I geuss it'd also be possible to have it go all the way through, and then attach a coupler to it.
Edit:
it = inlet pipe
#1 in diagram = bolt open, #2 = bolt closed

Posted: Sun Oct 02, 2005 5:13 pm
by saladtossser
u can always use o-rings, better flow.

i mean behind the barrel, not around it

Posted: Mon Dec 05, 2005 11:17 pm
by Andrew L.
hi i wann make breech loading for a tennis ball but it is a tight squeeze for the bal to go into if i can to breech loading does anyone know how to load a cannon fast

Posted: Mon Mar 13, 2006 10:38 am
by )DEMON(
it seems like a good design has anyone made any guns with it yet

Posted: Wed Apr 12, 2006 10:08 pm
by Arnie
I think this design has excellent possiblities, I made a breach loading barrel with a repair fitting, seals well but is time consuming unscrewing, and installing the "cartridge". Let me work on it and I will let everyone know of my findings !!


If you cut your "J" in the outer sleeve of a repair coupling and attach your bolt to the portion with the o ring on the outside, Make sure that you do not cut the hook on the "J" too near to the end and allow a full diameter for it to seal against when you pull the bolt back. Barrel will simply connect to the sliding inner. I think that would work quite well. The only problem is you are relying on the plastic outer sleeve which has bee cut away to hold the weight of the barrel. Maybe something with a metal nipple would be better, less expensive and more robust !!!

Posted: Thu Jul 06, 2006 11:51 pm
by Spyider
i made this breach loader and i love it because i can shoot my tato's much faster and i used a rubberwasher first and apoxeyed it then i put a normal washer behind that for extra streingth.
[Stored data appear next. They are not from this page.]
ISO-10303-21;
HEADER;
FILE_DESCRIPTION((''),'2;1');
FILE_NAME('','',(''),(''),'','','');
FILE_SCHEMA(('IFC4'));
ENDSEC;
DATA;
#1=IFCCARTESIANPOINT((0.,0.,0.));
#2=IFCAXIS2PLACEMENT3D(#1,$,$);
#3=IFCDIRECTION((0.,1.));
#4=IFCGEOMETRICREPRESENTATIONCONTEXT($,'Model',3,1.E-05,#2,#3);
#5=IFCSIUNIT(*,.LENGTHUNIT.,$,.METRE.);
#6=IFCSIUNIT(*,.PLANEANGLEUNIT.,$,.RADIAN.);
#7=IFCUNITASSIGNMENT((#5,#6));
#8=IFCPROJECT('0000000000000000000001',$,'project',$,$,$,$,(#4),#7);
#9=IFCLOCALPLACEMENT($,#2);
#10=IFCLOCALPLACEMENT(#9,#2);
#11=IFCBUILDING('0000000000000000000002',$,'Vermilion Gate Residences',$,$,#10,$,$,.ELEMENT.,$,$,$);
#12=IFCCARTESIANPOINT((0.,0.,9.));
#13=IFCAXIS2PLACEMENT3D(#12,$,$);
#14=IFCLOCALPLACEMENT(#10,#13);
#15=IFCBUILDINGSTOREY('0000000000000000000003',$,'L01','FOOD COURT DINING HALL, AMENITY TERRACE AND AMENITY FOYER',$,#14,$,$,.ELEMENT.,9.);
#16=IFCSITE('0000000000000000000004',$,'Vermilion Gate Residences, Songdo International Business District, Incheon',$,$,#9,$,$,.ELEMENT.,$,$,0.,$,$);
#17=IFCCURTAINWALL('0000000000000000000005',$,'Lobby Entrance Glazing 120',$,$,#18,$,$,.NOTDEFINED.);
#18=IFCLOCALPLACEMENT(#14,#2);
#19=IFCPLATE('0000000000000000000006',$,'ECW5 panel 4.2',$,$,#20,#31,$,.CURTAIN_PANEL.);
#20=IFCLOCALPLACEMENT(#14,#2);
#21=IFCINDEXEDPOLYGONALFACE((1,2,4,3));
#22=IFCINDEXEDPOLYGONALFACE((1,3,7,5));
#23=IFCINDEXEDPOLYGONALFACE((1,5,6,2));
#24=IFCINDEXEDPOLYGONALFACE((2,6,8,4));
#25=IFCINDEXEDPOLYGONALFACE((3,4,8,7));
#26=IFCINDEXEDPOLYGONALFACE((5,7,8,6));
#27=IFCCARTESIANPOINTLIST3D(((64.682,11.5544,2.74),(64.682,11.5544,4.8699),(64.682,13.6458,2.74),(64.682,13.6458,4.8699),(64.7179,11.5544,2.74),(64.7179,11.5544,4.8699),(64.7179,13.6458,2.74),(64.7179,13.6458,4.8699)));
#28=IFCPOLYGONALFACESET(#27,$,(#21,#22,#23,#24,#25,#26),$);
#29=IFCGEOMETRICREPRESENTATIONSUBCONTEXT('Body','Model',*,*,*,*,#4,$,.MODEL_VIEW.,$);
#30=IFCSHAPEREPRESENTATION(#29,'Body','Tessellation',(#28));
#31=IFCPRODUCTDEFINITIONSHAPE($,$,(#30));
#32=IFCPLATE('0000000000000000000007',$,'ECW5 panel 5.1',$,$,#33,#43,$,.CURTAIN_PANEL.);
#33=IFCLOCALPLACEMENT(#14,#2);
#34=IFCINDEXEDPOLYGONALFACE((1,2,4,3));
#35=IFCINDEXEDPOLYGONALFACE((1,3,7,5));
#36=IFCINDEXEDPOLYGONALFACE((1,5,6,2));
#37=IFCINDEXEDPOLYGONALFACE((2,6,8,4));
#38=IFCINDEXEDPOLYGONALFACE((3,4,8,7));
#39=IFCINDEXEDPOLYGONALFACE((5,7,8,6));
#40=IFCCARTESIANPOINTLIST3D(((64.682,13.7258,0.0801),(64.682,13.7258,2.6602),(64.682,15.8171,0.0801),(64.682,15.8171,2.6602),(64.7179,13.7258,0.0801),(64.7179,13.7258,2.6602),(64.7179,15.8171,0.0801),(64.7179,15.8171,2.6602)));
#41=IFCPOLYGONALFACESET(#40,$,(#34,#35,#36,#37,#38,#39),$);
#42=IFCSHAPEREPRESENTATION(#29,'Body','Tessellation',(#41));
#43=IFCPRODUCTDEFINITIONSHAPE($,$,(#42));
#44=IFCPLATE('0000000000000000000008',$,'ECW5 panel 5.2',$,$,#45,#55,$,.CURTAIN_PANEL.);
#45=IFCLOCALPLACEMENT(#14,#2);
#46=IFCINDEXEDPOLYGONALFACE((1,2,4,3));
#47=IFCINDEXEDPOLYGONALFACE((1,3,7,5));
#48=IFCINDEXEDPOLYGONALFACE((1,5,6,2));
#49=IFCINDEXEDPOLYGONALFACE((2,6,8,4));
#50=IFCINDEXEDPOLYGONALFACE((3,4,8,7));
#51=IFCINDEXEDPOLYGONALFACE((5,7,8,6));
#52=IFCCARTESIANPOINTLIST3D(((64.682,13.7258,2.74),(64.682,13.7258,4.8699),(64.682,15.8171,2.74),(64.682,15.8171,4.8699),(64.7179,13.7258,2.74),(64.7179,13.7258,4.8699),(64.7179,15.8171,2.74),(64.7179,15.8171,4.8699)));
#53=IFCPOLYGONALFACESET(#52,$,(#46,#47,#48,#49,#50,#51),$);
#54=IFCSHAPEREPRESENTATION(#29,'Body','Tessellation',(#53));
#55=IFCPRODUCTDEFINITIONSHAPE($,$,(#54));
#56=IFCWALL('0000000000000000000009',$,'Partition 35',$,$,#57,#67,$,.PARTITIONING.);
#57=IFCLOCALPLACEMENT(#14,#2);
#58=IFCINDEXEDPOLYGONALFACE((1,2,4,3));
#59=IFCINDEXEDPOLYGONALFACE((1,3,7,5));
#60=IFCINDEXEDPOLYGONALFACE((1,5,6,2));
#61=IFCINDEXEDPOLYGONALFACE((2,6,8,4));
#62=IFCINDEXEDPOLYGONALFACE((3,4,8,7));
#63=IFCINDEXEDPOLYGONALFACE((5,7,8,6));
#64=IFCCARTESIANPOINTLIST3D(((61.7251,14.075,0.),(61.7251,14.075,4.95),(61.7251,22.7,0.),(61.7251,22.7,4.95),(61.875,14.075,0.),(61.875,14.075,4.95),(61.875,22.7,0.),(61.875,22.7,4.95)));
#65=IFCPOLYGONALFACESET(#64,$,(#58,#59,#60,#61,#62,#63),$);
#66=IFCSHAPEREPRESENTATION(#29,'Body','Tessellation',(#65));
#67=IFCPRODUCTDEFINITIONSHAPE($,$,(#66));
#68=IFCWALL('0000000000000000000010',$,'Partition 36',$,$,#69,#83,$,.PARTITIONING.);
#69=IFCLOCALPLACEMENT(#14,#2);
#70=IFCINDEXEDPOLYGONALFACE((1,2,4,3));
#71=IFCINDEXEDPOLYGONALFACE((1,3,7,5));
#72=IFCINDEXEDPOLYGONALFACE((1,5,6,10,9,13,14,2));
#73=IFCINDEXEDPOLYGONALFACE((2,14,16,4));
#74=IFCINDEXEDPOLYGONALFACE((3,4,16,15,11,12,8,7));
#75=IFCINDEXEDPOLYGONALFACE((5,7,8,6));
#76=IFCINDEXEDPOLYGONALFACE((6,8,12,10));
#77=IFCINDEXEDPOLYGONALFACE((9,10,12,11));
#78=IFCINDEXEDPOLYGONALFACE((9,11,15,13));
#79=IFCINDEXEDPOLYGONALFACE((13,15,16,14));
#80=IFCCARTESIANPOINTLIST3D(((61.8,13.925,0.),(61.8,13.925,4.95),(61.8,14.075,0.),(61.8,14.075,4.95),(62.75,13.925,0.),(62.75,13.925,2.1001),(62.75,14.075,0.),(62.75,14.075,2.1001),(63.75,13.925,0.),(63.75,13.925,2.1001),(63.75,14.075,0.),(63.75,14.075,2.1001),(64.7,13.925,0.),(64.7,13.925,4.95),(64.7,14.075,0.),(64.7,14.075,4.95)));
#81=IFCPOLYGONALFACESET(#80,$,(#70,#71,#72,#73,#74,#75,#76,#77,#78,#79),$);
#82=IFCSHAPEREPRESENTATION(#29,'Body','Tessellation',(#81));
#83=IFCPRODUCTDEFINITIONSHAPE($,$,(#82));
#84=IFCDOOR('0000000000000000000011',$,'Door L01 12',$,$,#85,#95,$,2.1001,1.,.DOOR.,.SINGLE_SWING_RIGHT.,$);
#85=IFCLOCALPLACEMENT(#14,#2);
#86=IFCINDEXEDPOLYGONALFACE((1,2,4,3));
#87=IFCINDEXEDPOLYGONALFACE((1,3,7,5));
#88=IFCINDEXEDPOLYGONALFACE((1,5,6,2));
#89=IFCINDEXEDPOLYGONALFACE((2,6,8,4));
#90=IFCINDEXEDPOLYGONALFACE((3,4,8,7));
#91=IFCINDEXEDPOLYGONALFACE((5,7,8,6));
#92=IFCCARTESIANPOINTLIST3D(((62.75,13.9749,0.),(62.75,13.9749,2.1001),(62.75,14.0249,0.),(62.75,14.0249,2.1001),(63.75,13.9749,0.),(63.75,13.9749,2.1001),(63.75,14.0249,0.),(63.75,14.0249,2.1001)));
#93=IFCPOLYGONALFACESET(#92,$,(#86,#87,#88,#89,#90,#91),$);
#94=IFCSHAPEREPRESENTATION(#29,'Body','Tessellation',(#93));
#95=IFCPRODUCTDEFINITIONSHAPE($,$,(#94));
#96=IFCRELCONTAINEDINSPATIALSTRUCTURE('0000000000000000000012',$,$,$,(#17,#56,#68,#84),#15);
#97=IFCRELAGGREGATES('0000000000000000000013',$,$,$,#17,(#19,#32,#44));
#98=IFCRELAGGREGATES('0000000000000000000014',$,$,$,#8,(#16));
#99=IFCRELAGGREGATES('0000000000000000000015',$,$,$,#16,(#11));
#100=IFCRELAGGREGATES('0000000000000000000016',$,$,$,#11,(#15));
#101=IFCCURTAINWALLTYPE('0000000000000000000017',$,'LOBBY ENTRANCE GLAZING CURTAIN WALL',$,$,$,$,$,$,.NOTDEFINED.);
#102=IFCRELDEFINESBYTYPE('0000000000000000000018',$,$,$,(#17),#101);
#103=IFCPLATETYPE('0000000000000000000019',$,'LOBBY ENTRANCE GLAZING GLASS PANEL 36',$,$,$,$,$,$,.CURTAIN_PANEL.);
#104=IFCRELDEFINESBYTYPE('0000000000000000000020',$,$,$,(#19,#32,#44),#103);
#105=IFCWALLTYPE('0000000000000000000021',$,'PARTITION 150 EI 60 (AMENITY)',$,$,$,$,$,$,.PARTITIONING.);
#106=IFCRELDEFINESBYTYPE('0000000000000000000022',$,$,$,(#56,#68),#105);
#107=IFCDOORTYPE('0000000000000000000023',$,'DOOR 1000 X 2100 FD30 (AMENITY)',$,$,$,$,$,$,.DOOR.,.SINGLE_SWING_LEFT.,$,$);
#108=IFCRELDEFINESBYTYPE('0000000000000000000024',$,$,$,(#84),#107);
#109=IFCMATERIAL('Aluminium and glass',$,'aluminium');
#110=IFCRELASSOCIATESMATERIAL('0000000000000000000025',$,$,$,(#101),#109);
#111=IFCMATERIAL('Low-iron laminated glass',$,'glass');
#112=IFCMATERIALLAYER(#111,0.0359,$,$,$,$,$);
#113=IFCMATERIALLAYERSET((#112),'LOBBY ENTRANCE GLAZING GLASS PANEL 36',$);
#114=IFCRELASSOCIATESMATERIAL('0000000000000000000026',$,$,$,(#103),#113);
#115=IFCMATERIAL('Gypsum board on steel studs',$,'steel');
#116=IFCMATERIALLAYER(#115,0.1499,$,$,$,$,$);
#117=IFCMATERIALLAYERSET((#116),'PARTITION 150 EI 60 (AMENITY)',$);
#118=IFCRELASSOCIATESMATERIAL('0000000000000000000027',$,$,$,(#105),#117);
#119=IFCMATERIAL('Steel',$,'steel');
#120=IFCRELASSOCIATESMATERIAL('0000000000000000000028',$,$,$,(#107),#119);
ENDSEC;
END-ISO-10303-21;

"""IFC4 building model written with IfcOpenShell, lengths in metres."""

from ifc_helpers import new_model, si_unit, direction, frame, frame_2d, origin, origin_2d, place, context, subcontext, project, spatial, rectangle, extrude, material, layer, layer_set, type_object, element, fill, aggregate, save


model = new_model("IFC4")

# Units and contexts
model_context = context("Model", 3, precision=1e-05, world=origin(), true_north=direction((0.0, 1.0)))
body_context = subcontext(model_context, "Body", "Model", "MODEL_VIEW")
ifc_project = project(units=[si_unit("LENGTHUNIT", "METRE"), si_unit("PLANEANGLEUNIT", "RADIAN")], contexts=[model_context])

# Site, building, storey
site_placement = place(None, origin())
site = spatial("IfcSite", under=ifc_project, at=site_placement, Name="Vermilion Gate Residences, Songdo International Business District, Incheon", CompositionType="ELEMENT", RefElevation=0.0)
building_placement = place(site_placement, origin())
building = spatial("IfcBuilding", under=site, at=building_placement, Name="Vermilion Gate Residences", CompositionType="ELEMENT")
storey_placement = place(building_placement, frame((0.0, 0.0, 9.0)))
storey = spatial("IfcBuildingStorey", under=building, at=storey_placement, Name="L01", Description="FOOD COURT DINING HALL, AMENITY TERRACE AND AMENITY FOYER", CompositionType="ELEMENT", Elevation=9.0)

# Curtain wall, plates
ifc_material_1 = material(Name="Aluminium and glass", Category="aluminium")
curtain_wall_type = type_object("IfcCurtainWallType", Name="LOBBY ENTRANCE GLAZING CURTAIN WALL", PredefinedType="NOTDEFINED", material=ifc_material_1)
curtain_wall_placement = place(storey_placement, origin())
curtain_wall = element("IfcCurtainWall", 1, at=curtain_wall_placement, inside=storey, type_object=curtain_wall_type, Name="Lobby Entrance Glazing 120", PredefinedType="NOTDEFINED")
ifc_material_2 = material(Name="Low-iron laminated glass", Category="glass")
ifc_layer_1 = layer(ifc_material_2, 0.0359)
ifc_layer_set_1 = layer_set([ifc_layer_1], Name="LOBBY ENTRANCE GLAZING GLASS PANEL 36")
plate_type = type_object("IfcPlateType", Name="LOBBY ENTRANCE GLAZING GLASS PANEL 36", PredefinedType="CURTAIN_PANEL", material=ifc_layer_set_1)
plate_1_placement = place(storey_placement, frame((64.7, 12.6001, 2.74), z_axis=(0.0, 0.0, 1.0), x_axis=(0.0, 1.0, 0.0)))
plate_1 = element("IfcPlate", 2, at=plate_1_placement, type_object=plate_type, Name="ECW5 panel 4.2", PredefinedType="CURTAIN_PANEL", context=body_context, shape_type="SweptSolid", body=[
    extrude(rectangle(XDim=2.0913, YDim=0.0359, at=origin_2d()), origin(), (0.0, 0.0, 1.0), 2.1299),
])
plate_2_placement = place(storey_placement, frame((64.7, 14.7715, 0.0801), z_axis=(0.0, 0.0, 1.0), x_axis=(0.0, 1.0, 0.0)))
plate_2 = element("IfcPlate", 3, at=plate_2_placement, type_object=plate_type, Name="ECW5 panel 5.1", PredefinedType="CURTAIN_PANEL", context=body_context, shape_type="SweptSolid", body=[
    extrude(rectangle(XDim=2.0913, YDim=0.0359, at=origin_2d()), origin(), (0.0, 0.0, 1.0), 2.5801),
])
plate_3_placement = place(storey_placement, frame((64.7, 14.7715, 2.74), z_axis=(0.0, 0.0, 1.0), x_axis=(0.0, 1.0, 0.0)))
plate_3 = element("IfcPlate", 4, at=plate_3_placement, type_object=plate_type, Name="ECW5 panel 5.2", PredefinedType="CURTAIN_PANEL", context=body_context, shape_type="SweptSolid", body=[
    extrude(rectangle(XDim=2.0913, YDim=0.0359, at=origin_2d()), origin(), (0.0, 0.0, 1.0), 2.1299),
])
aggregate(curtain_wall, [plate_1, plate_2, plate_3])

# Wall
ifc_material_3 = material(Name="Gypsum board on steel studs", Category="steel")
ifc_layer_2 = layer(ifc_material_3, 0.1499)
ifc_layer_set_2 = layer_set([ifc_layer_2], Name="PARTITION 150 EI 60 (AMENITY)")
wall_type = type_object("IfcWallType", Name="PARTITION 150 EI 60 (AMENITY)", PredefinedType="PARTITIONING", material=ifc_layer_set_2)
wall_1_placement = place(storey_placement, frame((61.8, 14.075, 0.0), z_axis=(0.0, 0.0, 1.0), x_axis=(0.0, 1.0, 0.0)))
element("IfcWall", 5, at=wall_1_placement, inside=storey, type_object=wall_type, Name="Partition 35", PredefinedType="PARTITIONING", context=body_context, shape_type="SweptSolid", body=[
    extrude(rectangle(XDim=8.625, YDim=0.1499, at=frame_2d((4.3125, 0.0))), origin(), (0.0, 0.0, 1.0), 4.95),
])
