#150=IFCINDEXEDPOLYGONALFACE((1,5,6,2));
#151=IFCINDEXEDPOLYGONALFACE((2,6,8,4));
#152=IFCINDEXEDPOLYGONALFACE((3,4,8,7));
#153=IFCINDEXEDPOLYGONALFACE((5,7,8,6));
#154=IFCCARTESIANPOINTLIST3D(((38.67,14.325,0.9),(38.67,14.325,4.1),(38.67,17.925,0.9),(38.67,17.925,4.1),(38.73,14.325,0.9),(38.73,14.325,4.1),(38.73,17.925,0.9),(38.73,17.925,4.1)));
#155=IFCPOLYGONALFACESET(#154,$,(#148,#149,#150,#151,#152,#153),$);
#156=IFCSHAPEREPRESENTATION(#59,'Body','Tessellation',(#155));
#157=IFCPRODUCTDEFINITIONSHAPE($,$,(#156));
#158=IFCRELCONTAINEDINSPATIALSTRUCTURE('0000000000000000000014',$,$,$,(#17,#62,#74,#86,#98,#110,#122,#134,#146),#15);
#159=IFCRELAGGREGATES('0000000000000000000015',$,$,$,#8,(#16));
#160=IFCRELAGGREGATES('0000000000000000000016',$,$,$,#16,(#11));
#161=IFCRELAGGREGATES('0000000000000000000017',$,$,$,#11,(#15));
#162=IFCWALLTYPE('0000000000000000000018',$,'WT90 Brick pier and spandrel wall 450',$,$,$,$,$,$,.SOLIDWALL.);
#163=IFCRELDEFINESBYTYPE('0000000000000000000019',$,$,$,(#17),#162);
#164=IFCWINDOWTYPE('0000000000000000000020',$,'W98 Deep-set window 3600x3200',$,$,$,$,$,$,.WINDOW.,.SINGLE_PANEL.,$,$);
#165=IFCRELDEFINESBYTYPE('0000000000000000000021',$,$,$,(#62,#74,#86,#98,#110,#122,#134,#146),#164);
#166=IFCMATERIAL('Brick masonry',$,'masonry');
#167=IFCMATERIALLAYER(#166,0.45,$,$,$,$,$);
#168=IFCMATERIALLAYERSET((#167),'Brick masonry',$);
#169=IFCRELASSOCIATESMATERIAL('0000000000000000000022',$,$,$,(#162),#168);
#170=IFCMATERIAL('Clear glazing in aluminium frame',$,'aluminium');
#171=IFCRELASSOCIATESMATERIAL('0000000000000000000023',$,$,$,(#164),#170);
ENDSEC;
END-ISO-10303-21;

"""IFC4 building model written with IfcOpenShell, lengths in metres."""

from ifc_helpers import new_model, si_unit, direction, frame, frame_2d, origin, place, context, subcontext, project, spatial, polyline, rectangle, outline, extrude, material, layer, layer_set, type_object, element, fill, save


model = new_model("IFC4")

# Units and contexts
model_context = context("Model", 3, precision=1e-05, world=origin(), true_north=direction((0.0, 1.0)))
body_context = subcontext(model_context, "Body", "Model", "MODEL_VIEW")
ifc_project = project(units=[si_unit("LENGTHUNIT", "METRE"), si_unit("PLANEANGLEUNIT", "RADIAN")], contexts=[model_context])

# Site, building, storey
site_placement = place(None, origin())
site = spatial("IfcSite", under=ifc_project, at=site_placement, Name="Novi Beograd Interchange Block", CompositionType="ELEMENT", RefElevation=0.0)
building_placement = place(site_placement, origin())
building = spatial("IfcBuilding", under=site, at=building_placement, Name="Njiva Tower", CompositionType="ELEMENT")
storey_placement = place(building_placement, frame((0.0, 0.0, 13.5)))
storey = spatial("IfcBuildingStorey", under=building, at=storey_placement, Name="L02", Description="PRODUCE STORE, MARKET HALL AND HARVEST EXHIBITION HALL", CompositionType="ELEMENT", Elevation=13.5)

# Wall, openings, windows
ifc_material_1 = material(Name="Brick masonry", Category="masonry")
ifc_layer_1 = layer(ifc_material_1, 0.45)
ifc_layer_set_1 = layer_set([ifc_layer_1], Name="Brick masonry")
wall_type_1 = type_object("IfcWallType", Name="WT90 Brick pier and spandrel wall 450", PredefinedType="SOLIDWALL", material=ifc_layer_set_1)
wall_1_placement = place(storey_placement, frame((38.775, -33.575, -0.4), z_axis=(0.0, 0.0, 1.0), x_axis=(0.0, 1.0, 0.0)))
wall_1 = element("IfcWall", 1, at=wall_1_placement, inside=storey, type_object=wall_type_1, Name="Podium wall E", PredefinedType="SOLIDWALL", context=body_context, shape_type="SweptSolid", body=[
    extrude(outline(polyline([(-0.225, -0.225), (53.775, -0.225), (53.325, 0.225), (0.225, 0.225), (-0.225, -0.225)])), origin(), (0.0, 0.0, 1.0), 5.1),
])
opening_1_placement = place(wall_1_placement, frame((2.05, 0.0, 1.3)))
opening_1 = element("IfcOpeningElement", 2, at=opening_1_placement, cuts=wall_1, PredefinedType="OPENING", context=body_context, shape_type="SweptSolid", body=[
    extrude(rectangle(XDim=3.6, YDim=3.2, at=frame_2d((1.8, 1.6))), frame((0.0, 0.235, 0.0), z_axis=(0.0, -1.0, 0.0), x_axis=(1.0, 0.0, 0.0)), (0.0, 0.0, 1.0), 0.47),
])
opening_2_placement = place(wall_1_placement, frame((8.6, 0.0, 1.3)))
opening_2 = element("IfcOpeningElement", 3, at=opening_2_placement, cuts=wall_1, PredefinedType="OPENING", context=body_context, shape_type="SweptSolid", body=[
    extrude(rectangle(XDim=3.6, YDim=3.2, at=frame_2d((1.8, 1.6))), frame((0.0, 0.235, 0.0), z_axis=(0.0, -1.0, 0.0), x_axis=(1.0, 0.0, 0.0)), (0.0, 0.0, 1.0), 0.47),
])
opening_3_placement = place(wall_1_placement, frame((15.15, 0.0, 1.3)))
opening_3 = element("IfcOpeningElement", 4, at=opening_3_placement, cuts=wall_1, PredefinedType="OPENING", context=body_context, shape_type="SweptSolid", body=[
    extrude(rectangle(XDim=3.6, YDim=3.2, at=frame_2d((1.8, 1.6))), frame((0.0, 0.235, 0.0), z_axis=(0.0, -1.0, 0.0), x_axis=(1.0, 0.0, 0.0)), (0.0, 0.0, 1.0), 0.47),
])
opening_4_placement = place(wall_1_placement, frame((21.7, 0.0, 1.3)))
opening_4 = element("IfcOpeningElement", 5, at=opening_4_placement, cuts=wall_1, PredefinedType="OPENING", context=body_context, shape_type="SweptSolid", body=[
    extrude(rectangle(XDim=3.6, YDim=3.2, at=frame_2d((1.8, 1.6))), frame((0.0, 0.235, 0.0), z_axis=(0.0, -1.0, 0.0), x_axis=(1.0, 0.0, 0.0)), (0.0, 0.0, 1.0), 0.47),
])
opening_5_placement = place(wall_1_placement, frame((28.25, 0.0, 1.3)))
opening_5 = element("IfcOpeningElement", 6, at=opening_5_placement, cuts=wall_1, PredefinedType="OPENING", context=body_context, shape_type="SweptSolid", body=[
mine dont leak any air and the first time me and my friends went to the barn to shoot it the potato was so powetfull it broke a 1" thick plastic window. :D

so yea its worth it :!:

Posted: Mon Jul 31, 2006 8:51 am
by LucyInTheSky
Im currentl making this out of copper but using BLBs design, but with a washer between the two parts of barrel.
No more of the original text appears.